Cet homme qu’on dira puissant — du moins sur le plan des lettres et des arts — puisque Jérôme Garcin est rédacteur en chef des pages culture du Nouvel Observateur, et qu’il est animateur et producteur pour France inter de l’émission Le Masque et la Plume, met cette fois genou en terre. S’avoue autant vaincu par ce destin qui s’acharne, que vaincu par l’amour inquiet qu’il porte aux siens, à sa famille, ses enfants et petits-enfants qu’il place ici sous le dais protecteur d’un "débordant amour" comme il l’écrit.
C’est un livre d’amour qui réussit le miracle de nous prendre doucement par le bras, pour nous inclure dans le cercle de la narration. Jérôme Garcin trouve en effet la juste distance, entre la triste ironie et la douleur, pour traverser les cruels aléas du hasard.
Les portraits de sa mère et de son frère sont merveilleux. Elle, si on devait la jouer, on la verrait bien sous les traits de Madeleine Renaud, fragile en son grand âge mais cristalline, curieuse, passionnée. Quant à son frère Laurent, il aurait été magnifiquement interprété par Michael Lonsdale, qui se trouvait être le frère d’âme et de transept de sa mère, tous deux fidèles au même Dieu et à la même paroisse.
Ce sont des pages pleines de grâce, comme dirait l’autre. Et d’échardes. Et de sourires en effet. Elles ont cette texture, si rare, de la défaillance sans l’apitoiement, du chagrin sans l’amertume, de l’intime sans déballage, et du sensible par imprégnation.
Les portraits de famille sont adorables. Des portraits de gens ordinaires, comme nous le sommes tous, mais qui étaient brillants, chacun à sa manière, intimidants, plein de savoirs et d’esprits pour son père, ou simplement présents, désarmants, "d’une bonté sans emploi" comme l’écrit Jérôme Garcin à propos de son frère.

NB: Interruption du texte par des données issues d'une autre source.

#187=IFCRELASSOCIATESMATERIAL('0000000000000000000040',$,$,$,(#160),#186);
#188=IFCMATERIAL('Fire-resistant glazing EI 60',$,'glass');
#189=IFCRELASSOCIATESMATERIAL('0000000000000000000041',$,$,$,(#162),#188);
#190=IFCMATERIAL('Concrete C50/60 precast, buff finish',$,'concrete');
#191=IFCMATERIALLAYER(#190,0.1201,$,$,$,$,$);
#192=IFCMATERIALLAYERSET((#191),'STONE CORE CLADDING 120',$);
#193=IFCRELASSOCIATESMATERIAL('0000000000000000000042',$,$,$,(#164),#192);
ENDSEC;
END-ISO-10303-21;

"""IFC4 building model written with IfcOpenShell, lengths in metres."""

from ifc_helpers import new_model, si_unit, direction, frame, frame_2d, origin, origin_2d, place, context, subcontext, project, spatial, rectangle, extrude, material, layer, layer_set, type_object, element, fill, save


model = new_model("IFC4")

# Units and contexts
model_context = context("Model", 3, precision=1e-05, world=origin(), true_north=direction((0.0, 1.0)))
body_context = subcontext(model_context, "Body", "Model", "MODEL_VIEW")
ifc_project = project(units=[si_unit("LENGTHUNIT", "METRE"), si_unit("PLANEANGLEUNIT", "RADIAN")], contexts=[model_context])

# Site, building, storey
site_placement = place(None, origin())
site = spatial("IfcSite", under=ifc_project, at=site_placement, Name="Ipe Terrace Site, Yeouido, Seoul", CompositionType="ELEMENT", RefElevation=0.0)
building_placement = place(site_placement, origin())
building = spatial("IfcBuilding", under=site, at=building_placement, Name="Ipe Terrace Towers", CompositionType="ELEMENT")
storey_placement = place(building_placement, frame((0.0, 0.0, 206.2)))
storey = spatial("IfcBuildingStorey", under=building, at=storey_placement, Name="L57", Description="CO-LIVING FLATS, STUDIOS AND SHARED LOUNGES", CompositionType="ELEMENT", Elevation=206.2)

Cette incantation aux disparus, cette adresse déguisée et superstitieuse à la mort et à l’avenir, rencontre ici la tendresse la plus vive, la plus brûlante, à laquelle s’ajoute la reconnaissance d’avoir pu les rencontrer. Et la gratitude pour ce qui fut donné, reçu, perdu, inavoué ou clamé comme cette fois, les larmes au bord du cœur.